Someone you love - absolutely. . .someone you can come home to and discuss child-rearing, finances, household maintenance and improvement, sex, etc. Set goals with, look out for each other, etc. They should be the first to be called in an emergency as a partner.

But I don't know. . .I wonder if marriages have too much pressure in that the couple kind of socially isolates themselves from forming deep, meaningful bonds with the same sex.

I know what you are thinking - well, didn't you just describe a friendship? No, I am describing a husband or a wife, I think.

I think if you don't emotionally diversify yourself, you invest all your emotional eggs into one basket, you put too much pressure on the other spouse to be that everything and I am not sure male or female is up to the task. Certainly men are not as hard wired up front in the marriage.

But. . .what do I know? I have had a failed marriage and it could be from this partially so this is why I am exploring my opinion and it's open to morphing.

I do remember at the beginning of my marriage it absolutely eating alive my wife that I would talk to my friend about certain things first and not talk to her. It wasn't like I was hiding things but maybe I would seek his opinion first. Maybe it was just because I was used to it, not sure. It was as if I had to tell her everything and she had to be #1 council (should a spouse be #1 council?) . But I had to watch what I said too. . .anything I said wrong. . .it could hurt her feelings too. It was an eggshell marriage for a long time in that regard.

The friendship did fall by the wayside for years because of that tension and it has been nice to renew it again in divorce.

But this may be a key part of admitting a mistake I made in marriage - not making her #1 council and having to have her fight for that position and knock a good friend down off that totem pole. In my defense, I didn't go to him for everything. . .just certain things I felt comfortable with asking him. I'll admit, I didn't even think about it. . .whether she would have been hurt that I sought his council first.

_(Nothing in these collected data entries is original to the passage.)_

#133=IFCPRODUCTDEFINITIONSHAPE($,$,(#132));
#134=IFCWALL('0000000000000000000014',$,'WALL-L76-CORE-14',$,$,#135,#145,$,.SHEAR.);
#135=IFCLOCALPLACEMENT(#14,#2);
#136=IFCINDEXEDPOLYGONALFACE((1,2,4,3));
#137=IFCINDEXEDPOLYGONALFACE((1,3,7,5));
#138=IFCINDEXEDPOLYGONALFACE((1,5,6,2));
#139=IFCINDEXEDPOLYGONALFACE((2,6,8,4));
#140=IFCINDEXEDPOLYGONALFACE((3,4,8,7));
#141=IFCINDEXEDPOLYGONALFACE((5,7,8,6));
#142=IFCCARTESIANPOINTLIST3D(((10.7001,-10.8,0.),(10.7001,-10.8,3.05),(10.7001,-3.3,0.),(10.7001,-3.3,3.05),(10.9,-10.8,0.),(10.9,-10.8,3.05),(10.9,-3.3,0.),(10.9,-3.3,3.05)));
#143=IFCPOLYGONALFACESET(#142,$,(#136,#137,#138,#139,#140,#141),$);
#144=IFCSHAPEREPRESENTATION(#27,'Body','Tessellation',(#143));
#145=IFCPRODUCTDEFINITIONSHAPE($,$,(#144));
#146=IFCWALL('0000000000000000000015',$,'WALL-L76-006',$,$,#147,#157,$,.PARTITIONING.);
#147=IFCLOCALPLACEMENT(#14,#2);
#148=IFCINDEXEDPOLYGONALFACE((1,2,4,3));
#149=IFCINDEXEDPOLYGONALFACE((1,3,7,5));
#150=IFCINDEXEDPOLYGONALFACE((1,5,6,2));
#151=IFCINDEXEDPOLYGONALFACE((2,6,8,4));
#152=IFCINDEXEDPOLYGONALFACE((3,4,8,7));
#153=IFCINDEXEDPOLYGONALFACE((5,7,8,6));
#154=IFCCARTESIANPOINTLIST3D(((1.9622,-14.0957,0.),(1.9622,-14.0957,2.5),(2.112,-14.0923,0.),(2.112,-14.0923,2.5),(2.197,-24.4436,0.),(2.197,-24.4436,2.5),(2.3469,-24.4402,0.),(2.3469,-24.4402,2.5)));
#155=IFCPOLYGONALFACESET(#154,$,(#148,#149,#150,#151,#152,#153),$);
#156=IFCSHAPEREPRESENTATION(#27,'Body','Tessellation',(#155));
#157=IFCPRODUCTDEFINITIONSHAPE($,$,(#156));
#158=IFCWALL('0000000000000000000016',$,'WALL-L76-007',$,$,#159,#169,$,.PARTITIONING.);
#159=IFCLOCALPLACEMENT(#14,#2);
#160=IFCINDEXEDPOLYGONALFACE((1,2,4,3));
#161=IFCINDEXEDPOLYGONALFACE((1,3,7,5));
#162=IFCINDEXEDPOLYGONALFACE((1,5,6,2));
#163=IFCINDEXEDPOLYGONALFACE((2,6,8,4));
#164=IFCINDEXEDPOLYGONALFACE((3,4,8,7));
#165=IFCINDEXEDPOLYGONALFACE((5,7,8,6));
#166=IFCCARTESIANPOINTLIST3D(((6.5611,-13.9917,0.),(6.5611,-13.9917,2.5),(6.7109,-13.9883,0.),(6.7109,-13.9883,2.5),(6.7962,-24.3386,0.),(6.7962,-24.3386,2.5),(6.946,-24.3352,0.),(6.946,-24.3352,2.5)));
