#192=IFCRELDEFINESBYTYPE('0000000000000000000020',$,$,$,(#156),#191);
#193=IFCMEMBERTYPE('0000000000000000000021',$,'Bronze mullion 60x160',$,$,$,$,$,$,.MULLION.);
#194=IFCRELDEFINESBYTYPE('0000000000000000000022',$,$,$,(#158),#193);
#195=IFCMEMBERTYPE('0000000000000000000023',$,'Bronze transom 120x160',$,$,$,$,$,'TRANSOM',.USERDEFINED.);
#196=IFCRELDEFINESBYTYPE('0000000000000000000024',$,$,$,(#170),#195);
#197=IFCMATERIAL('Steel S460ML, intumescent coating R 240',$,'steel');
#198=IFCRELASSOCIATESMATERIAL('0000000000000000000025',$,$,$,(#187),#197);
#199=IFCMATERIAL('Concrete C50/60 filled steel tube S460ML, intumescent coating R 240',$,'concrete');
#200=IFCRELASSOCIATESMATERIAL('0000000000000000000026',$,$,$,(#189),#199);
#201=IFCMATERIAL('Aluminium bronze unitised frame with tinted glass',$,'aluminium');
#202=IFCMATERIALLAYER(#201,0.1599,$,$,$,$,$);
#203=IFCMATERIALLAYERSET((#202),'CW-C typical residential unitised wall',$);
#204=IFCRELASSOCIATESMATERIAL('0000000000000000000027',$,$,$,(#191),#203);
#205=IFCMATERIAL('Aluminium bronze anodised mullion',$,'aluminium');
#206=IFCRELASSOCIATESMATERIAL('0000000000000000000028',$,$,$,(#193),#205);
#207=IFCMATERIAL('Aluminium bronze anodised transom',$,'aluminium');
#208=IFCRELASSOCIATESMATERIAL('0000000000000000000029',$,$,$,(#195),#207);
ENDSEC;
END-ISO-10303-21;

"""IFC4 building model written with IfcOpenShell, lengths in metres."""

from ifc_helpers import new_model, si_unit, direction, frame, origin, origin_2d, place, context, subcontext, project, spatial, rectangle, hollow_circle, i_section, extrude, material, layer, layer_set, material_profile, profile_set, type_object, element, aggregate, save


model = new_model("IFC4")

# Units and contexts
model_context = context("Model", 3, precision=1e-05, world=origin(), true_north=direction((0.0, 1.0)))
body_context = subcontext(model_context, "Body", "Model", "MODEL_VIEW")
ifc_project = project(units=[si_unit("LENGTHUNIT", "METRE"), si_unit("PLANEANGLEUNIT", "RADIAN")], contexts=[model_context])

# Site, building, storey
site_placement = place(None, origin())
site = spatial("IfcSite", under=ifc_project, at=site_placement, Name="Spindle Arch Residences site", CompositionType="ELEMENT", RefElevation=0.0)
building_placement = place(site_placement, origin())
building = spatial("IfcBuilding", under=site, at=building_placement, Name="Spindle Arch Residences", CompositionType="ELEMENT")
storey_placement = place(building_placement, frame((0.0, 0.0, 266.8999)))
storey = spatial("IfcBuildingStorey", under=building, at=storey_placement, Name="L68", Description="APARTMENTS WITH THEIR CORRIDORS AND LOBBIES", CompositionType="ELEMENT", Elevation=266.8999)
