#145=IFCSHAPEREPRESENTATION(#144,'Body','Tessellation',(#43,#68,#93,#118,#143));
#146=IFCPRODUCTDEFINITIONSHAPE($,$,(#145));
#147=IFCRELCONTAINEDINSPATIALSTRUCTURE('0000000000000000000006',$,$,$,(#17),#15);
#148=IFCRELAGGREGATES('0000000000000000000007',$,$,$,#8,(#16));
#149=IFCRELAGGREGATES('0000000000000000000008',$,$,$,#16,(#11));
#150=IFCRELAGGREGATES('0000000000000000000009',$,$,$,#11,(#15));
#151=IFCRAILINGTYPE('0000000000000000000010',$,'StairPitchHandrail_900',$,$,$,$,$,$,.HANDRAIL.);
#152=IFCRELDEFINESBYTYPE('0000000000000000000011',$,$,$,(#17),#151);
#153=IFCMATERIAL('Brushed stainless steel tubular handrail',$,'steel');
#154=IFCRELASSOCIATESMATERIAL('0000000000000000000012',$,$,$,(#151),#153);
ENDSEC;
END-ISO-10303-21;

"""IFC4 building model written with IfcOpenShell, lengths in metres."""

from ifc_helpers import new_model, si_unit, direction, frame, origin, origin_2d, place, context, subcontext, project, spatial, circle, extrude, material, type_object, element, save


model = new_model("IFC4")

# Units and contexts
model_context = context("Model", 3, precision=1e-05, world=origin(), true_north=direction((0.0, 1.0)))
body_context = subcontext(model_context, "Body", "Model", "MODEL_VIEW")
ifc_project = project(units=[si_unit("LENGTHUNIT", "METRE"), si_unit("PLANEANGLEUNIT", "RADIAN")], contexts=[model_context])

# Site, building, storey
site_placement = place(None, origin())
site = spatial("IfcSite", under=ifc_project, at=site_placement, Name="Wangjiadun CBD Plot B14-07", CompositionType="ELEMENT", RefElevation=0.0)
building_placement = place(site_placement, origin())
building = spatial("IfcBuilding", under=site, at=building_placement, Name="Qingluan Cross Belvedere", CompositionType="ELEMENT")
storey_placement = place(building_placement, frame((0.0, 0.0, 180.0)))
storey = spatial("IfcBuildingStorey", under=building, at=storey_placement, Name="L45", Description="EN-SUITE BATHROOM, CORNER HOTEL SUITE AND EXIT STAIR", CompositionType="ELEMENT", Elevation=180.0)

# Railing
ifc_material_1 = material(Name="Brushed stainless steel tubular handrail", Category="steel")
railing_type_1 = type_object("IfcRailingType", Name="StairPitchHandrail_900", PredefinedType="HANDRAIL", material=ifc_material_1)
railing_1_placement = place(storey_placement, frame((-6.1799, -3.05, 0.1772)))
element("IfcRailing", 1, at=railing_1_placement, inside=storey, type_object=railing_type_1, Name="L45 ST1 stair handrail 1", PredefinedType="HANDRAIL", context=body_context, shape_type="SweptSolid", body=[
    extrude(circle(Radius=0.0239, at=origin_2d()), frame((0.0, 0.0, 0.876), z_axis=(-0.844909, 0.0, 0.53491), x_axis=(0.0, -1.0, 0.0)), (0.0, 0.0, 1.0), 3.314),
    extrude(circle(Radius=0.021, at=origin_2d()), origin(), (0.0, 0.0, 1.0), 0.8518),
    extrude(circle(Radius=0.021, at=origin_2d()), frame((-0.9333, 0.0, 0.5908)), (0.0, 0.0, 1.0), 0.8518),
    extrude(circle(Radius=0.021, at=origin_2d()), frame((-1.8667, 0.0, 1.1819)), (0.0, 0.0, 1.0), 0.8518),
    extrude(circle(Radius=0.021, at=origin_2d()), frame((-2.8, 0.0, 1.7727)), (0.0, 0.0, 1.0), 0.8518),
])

But thanks, you give me food for thought. I am not dead-set on my position.


----------



## kiwigirl (Mar 29, 2010)

my husband is the person im closest too and knws me better than anyone in the world, but id go crazy if i didnt see my friends or atleast one of them atleast every 2-3 days. im very social and could never be one of those couples that jst hang out by themselves or only do things with other people together


----------



## Atholk (Jul 25, 2009)

Spouse should be best friend. Doesn't mean only friend though.


----------



## SimplyAmorous (Nov 25, 2009)

Scannerguard said:


> I do remember at the beginning of my marriage it absolutely eating alive my wife that I would talk to my friend about certain things first and not talk to her. It wasn't like I was hiding things but maybe I would seek his opinion first. Maybe it was just because I was used to it, not sure. It was as if I had to tell her everything and she had to be #1 council (should a spouse be #1 council?)

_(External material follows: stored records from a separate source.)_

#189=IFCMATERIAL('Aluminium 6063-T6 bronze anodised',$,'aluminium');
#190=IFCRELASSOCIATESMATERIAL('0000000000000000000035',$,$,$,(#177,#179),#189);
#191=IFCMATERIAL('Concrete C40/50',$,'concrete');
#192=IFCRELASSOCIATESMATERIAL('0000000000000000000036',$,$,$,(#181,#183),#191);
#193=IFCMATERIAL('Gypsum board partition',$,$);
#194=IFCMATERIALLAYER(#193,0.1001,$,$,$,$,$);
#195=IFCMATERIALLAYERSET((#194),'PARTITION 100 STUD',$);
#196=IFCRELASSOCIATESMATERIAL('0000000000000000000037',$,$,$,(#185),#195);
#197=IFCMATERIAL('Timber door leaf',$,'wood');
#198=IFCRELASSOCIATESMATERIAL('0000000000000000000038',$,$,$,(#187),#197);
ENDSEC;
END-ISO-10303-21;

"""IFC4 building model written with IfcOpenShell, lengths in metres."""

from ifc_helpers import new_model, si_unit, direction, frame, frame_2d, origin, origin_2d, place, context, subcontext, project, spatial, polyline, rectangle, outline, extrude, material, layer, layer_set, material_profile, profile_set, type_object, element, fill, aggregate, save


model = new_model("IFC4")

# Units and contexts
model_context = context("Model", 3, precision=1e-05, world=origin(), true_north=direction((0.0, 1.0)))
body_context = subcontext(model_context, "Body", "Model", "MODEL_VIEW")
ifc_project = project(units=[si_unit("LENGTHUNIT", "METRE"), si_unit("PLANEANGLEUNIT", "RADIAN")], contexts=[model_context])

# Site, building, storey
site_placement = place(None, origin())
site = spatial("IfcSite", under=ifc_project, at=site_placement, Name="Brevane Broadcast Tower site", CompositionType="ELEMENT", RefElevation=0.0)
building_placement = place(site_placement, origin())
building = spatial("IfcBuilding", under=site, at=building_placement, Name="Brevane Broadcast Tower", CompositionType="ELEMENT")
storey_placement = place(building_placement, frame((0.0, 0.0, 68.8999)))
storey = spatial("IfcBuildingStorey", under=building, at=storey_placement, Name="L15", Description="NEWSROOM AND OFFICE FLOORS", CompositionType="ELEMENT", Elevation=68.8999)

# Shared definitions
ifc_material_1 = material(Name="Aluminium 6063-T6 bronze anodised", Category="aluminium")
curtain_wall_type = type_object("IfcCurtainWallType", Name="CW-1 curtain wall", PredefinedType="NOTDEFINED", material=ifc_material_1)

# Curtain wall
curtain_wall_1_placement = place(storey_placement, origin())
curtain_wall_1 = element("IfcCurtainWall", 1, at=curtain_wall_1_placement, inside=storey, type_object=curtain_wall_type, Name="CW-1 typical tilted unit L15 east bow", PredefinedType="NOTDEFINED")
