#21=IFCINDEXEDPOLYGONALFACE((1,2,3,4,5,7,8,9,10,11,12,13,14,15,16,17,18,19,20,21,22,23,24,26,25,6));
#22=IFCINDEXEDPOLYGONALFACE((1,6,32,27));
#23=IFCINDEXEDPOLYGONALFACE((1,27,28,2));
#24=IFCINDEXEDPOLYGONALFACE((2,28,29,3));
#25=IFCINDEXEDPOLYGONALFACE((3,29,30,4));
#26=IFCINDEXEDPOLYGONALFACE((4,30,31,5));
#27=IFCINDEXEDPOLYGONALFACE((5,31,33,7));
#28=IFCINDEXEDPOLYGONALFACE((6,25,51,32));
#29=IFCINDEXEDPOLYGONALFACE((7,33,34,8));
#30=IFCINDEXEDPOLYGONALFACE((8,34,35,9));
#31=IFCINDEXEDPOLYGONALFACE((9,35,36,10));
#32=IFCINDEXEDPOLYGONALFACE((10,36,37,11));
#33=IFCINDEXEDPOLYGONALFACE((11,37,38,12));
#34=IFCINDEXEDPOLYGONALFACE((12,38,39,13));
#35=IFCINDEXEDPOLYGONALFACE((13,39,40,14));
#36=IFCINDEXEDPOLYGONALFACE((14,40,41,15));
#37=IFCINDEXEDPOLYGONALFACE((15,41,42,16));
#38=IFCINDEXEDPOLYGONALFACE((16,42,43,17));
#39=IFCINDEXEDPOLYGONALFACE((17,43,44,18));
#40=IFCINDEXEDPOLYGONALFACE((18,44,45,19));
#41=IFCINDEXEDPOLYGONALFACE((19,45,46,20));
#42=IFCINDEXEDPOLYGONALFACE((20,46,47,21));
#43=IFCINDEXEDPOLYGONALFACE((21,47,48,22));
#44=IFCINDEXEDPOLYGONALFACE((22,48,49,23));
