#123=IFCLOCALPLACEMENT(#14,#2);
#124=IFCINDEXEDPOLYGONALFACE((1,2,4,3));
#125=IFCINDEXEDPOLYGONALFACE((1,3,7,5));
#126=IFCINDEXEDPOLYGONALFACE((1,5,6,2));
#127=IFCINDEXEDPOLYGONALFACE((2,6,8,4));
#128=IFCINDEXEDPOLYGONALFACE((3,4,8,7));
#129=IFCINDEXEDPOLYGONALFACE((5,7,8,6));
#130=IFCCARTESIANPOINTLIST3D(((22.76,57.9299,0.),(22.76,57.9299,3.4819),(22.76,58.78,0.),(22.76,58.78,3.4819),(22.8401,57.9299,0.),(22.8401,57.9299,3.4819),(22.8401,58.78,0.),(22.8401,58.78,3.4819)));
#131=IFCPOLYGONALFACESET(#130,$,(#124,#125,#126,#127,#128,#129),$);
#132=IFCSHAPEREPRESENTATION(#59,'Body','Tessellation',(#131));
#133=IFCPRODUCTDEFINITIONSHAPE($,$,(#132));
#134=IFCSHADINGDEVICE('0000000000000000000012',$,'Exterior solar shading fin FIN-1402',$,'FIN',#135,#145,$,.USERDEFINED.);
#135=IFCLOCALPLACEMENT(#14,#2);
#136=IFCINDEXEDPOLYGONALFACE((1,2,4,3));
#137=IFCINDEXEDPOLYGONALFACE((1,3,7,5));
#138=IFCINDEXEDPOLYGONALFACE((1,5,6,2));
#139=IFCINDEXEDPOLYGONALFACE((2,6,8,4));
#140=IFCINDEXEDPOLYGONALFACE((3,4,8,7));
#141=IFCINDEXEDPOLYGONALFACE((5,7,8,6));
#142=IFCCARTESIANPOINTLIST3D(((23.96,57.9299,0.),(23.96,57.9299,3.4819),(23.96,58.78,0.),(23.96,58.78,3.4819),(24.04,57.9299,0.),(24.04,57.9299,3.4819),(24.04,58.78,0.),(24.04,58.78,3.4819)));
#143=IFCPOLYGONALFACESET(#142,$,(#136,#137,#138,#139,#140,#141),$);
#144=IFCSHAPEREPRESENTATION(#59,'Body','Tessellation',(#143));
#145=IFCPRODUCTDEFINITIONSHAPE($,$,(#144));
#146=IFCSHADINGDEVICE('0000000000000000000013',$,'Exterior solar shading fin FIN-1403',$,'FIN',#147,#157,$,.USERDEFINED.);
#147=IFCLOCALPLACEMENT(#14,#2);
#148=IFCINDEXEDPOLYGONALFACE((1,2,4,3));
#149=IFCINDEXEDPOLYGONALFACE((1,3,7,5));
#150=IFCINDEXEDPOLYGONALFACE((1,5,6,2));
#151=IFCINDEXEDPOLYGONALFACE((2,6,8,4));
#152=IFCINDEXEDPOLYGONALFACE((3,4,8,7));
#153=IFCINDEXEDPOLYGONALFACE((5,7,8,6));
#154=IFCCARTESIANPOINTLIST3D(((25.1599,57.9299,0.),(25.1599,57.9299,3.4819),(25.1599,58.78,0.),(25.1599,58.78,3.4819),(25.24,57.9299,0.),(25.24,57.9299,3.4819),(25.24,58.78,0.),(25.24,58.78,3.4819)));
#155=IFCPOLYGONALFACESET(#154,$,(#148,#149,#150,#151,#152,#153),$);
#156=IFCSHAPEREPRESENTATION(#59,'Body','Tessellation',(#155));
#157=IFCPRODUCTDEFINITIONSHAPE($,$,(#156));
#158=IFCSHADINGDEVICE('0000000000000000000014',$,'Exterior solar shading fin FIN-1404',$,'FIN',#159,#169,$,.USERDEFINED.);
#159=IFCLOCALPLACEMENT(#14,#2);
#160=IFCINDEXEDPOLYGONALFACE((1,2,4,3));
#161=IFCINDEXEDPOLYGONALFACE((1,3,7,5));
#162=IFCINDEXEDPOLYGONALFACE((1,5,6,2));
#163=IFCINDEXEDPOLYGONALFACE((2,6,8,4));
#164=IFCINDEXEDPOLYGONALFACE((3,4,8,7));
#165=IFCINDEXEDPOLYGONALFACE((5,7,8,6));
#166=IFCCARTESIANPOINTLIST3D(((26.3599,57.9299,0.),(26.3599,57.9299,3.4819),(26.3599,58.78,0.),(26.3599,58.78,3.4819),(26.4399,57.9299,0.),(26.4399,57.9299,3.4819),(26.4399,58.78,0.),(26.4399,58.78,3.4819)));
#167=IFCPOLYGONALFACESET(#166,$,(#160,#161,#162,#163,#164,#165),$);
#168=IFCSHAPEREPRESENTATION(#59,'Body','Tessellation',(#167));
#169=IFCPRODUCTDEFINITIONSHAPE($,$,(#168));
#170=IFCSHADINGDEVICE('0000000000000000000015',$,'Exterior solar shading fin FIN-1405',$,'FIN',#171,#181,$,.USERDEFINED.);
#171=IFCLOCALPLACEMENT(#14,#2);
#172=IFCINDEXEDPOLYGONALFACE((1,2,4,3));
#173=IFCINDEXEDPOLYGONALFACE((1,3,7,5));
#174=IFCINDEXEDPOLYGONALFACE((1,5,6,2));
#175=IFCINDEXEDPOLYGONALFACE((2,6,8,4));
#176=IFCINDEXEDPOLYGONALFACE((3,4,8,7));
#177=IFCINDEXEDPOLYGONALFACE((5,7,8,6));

I think in your situation, unfortunetly, your wife was one of those who "expected" & was Hurt that she was not your #1 you came too -with everything you had on your mind, was feeling, questioning. Not all women are like this though. 

I personally wouldn't care who , why or when my husband would talk to his friends about anything, no eggshells here in the least!! but Yeah, I would probably be upset if I felt he didnt come to me about the same stuff, especially if personal in nature, shortly after. 

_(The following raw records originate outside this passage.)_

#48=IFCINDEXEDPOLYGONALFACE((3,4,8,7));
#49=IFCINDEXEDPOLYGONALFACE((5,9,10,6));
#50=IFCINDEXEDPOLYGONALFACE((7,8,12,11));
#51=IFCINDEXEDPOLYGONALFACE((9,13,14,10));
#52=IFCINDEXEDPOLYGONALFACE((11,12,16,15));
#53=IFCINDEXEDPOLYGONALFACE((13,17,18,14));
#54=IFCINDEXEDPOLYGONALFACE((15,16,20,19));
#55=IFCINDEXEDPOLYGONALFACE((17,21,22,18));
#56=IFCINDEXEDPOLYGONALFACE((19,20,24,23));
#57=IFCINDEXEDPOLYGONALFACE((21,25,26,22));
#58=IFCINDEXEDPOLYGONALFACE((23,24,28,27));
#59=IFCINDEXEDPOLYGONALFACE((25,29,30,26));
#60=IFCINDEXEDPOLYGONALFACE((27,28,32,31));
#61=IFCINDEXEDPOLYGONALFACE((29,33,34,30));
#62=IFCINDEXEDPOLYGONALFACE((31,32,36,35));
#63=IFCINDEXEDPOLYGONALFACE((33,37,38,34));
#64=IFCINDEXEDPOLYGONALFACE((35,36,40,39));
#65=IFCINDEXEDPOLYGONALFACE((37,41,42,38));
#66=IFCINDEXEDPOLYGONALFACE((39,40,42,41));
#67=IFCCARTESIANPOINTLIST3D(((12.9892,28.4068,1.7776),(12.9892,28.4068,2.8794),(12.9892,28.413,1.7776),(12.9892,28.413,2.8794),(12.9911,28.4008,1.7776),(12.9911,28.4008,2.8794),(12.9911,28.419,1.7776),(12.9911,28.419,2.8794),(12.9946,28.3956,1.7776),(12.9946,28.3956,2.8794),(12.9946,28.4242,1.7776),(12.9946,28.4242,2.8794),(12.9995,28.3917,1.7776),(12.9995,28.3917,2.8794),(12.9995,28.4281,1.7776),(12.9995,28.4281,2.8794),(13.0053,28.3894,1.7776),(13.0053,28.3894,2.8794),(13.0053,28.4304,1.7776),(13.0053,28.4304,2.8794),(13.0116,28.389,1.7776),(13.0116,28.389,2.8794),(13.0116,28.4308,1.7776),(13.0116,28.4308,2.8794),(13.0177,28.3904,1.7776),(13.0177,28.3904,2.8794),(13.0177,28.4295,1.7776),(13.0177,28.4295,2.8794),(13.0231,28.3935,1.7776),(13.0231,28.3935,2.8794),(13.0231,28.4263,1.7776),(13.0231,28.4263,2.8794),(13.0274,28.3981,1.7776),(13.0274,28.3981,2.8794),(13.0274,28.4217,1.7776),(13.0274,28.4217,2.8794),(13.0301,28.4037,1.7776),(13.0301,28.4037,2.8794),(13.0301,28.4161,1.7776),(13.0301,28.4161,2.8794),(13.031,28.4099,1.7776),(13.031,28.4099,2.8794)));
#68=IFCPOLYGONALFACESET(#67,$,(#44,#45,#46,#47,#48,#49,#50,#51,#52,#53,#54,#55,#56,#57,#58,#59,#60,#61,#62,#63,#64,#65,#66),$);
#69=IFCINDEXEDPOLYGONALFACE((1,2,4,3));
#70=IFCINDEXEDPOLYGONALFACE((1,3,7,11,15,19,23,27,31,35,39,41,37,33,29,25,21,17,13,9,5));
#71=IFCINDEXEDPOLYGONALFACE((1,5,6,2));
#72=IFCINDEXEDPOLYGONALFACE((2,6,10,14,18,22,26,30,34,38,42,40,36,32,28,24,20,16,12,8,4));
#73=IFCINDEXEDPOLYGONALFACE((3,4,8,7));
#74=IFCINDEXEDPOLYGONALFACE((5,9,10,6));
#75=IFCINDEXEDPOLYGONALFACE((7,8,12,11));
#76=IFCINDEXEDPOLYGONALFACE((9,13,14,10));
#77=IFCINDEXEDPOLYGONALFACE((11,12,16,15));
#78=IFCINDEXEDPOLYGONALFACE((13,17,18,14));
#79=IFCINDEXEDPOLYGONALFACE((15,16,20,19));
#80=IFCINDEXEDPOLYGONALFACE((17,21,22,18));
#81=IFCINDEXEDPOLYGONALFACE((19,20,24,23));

Friendships outside of marraige are Valuable/irreplaceable, we NEED them & should ALWAYS take care to nurish them, set aside time for them !! I agree we should NEVER allow ourselves to be so exclusive, as if something happens to our spouse , we have nowhere to turn, no bonding relationships to fall back on -other than family. That is not healthy at all for living. 

I do feel though, that one needs to be careful, when being irritated with our spouse, to instead run to a trusted friend 1st & pour out our hearts-instead of trusting our spouse with our feelings, whether angry, hurt or just irritated.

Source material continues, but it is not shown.